Волей случая Лионел отыскал для Беатрис наставницу, которая определила ребенка как сложную задачу. Элен внешне не проявляла ни чрезмерной агрессивности, ни особой сердечности. Последнее качество, пожалуй, было ее недостатком, поскольку Беатрис крайне нуждалась в чьей-то любви, кроме страстной привязанности к отцу. Но Элен с большим тактом помогла Беатрис преодолеть все премудрости хороших манер, научив ее искусству непринужденной беседы. Элен, как многие женщины той эпохи, происходила из бедного порядочного семейства. Обделенной внешней привлекательностью и приданым девушке ничего другого не оставалось, как стать учительницей или гувернанткой. Элен согласилась без лишних уговоров и переехала в дом Лионела. Тот обрадовался, что гувернантка оставалась там по вечерам, потому что у Лионела уже было заведено оставлять Беатрис одну на попечение кухарки, пока сам он отправлялся на свидание с Региной. Возвращался он всегда на рассвете. За все время, пока Беатрис была с ним, он ни разу не провел с Региной ночь целиком. Любовница никогда не жаловалась. Их договор всегда оставался в силе: всю жизнь дочь была превыше всего на свете.
Тогда же совершенно случайно Регина забеременела, когда ей уже было тридцать четыре. Она умоляла Лионела разрешить оставить ребенка: ей так нужно было иметь кого-то, кто принадлежал бы только ей.
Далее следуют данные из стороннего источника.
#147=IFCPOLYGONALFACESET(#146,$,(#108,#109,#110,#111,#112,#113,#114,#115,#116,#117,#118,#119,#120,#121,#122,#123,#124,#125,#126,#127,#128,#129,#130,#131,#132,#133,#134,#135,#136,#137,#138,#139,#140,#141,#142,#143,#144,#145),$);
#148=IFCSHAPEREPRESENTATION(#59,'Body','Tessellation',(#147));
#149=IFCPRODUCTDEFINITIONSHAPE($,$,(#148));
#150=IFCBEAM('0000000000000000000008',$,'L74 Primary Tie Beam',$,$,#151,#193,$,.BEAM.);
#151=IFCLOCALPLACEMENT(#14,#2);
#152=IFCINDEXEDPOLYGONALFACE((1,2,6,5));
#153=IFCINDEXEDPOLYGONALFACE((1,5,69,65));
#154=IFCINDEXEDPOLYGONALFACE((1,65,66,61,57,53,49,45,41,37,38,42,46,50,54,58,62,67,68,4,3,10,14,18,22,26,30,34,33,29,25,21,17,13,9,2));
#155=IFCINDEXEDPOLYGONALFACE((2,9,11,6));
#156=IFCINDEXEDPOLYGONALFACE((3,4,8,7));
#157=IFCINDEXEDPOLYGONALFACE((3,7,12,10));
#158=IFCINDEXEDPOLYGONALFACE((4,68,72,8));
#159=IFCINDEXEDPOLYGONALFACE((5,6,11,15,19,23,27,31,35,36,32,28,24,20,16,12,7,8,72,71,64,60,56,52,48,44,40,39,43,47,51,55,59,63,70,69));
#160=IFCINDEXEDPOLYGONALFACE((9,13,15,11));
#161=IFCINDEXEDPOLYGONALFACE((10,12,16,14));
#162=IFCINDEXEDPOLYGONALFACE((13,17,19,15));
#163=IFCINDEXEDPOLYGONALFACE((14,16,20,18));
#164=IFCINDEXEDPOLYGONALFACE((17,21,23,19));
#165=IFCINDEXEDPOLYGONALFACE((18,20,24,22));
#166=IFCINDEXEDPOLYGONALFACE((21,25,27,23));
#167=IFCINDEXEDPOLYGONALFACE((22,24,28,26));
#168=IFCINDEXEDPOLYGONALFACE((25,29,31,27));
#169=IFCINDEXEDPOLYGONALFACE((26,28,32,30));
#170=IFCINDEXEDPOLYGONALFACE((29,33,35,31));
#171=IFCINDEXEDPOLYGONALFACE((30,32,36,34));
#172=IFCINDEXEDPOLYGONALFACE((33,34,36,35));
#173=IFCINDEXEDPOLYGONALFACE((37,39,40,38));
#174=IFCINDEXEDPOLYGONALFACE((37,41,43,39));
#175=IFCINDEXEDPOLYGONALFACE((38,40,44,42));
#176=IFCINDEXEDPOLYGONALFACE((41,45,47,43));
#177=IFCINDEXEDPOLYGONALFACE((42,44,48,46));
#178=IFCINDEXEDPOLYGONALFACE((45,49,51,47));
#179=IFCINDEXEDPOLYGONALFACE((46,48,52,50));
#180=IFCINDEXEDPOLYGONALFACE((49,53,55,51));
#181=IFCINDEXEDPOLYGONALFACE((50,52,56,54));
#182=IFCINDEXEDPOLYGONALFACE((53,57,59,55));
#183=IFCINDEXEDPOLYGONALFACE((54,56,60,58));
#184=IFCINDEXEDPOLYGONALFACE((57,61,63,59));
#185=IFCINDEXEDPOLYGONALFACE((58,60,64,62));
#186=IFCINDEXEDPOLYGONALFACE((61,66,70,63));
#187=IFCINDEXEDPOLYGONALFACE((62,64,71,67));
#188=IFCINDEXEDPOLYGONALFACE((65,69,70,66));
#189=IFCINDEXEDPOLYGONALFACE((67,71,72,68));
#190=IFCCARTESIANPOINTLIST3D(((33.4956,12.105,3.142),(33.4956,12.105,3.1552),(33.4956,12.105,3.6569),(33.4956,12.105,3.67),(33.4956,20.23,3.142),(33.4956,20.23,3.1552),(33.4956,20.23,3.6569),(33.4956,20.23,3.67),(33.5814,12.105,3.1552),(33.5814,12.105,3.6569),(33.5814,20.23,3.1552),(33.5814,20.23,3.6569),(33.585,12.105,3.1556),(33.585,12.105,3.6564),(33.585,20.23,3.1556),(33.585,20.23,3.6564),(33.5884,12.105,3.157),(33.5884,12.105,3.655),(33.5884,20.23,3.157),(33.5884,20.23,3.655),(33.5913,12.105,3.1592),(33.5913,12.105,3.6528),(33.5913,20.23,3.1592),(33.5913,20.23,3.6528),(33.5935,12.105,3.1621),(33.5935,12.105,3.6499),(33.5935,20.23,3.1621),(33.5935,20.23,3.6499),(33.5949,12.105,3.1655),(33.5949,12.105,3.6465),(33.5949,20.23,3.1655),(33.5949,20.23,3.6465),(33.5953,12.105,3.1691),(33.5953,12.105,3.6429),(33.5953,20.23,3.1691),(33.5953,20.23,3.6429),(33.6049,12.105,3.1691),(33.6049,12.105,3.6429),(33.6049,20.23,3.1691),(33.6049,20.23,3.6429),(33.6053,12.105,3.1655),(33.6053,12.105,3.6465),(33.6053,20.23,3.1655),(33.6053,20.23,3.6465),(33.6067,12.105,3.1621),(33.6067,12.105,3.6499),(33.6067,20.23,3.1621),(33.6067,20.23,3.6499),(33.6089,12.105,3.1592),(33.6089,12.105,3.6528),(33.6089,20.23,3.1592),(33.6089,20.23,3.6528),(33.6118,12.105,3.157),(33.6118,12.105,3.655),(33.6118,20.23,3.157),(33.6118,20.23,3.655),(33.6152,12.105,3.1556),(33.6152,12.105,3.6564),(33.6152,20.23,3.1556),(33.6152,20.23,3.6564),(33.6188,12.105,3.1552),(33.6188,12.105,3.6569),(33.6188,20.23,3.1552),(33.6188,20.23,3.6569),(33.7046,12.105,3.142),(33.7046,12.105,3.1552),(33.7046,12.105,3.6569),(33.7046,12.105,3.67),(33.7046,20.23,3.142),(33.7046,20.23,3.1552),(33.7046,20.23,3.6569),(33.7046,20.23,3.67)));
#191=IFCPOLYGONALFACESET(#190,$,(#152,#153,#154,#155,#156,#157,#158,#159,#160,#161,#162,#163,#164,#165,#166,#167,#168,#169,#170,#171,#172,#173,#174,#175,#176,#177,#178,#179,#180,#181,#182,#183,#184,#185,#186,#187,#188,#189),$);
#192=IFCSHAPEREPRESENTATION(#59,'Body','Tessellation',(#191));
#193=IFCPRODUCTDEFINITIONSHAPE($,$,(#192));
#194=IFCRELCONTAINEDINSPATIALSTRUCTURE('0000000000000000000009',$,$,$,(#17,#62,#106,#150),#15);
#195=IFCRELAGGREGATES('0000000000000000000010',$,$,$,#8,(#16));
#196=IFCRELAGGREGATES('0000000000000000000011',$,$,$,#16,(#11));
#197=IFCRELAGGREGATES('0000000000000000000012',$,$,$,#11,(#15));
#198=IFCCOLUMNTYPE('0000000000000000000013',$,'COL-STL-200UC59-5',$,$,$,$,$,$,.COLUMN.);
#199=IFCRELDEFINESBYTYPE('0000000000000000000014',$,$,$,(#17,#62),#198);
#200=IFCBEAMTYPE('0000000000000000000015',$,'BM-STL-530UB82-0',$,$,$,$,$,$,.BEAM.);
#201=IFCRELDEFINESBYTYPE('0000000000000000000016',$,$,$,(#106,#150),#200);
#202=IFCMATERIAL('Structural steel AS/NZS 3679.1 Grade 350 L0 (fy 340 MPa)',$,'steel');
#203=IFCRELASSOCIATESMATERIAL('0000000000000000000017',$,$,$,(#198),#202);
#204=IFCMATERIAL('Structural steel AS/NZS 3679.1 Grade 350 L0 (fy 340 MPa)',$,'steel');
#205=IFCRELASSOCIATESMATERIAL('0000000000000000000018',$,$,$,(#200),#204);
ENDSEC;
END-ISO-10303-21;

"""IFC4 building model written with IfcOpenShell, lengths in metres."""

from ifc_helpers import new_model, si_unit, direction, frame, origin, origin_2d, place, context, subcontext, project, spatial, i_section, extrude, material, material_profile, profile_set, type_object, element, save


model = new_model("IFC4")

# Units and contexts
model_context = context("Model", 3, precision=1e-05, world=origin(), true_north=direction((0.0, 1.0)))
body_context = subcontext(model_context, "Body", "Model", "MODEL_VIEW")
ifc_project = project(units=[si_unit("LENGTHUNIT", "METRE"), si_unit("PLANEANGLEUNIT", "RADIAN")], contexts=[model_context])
До сих пор она честно исполняла свое обещание о сохранении их отношений в глубочайшей тайне и жила в полной изоляции от внешнего мира. Лионел знал, что аборты трудны и опасны, а Регина была слишком ему дорога, чтобы позволить себе рисковать и ставить ее жизнь на карту.
Несмотря на то, что он не испытывал особой радости от появления на свет незаконнорожденного создания, Лионел все-таки согласился и позволил Регине сохранить ребенка, и у него просто камень с души свалился, когда новорожденное дитя оказалось девочкой. Если бы на свет появился мальчик, ему бы пришлось всерьез задуматься над юридическим оформлением их отношений с Региной. Поскольку он не мог допустить, чтобы его сын мог остаться в жизни незаконнорожденным. С девочками дело обстоит совершенно иначе: все они, в конце концов, выходят замуж.
Регина нарекла девочку Каролиной в честь своей подруги из «Большого Дома». Малышка всегда называла навещавшего их мужчину дядей Лионелом. К тому времени, как она стала достаточно взрослой, чтобы понять истину тайного союза ее матери и дяди, местное общество уже изгнало Каролину из своих рядов и жестоко осудило мать девочки за отшельнический образ жизни. Судьба Каролине выпала трудная и жестокая.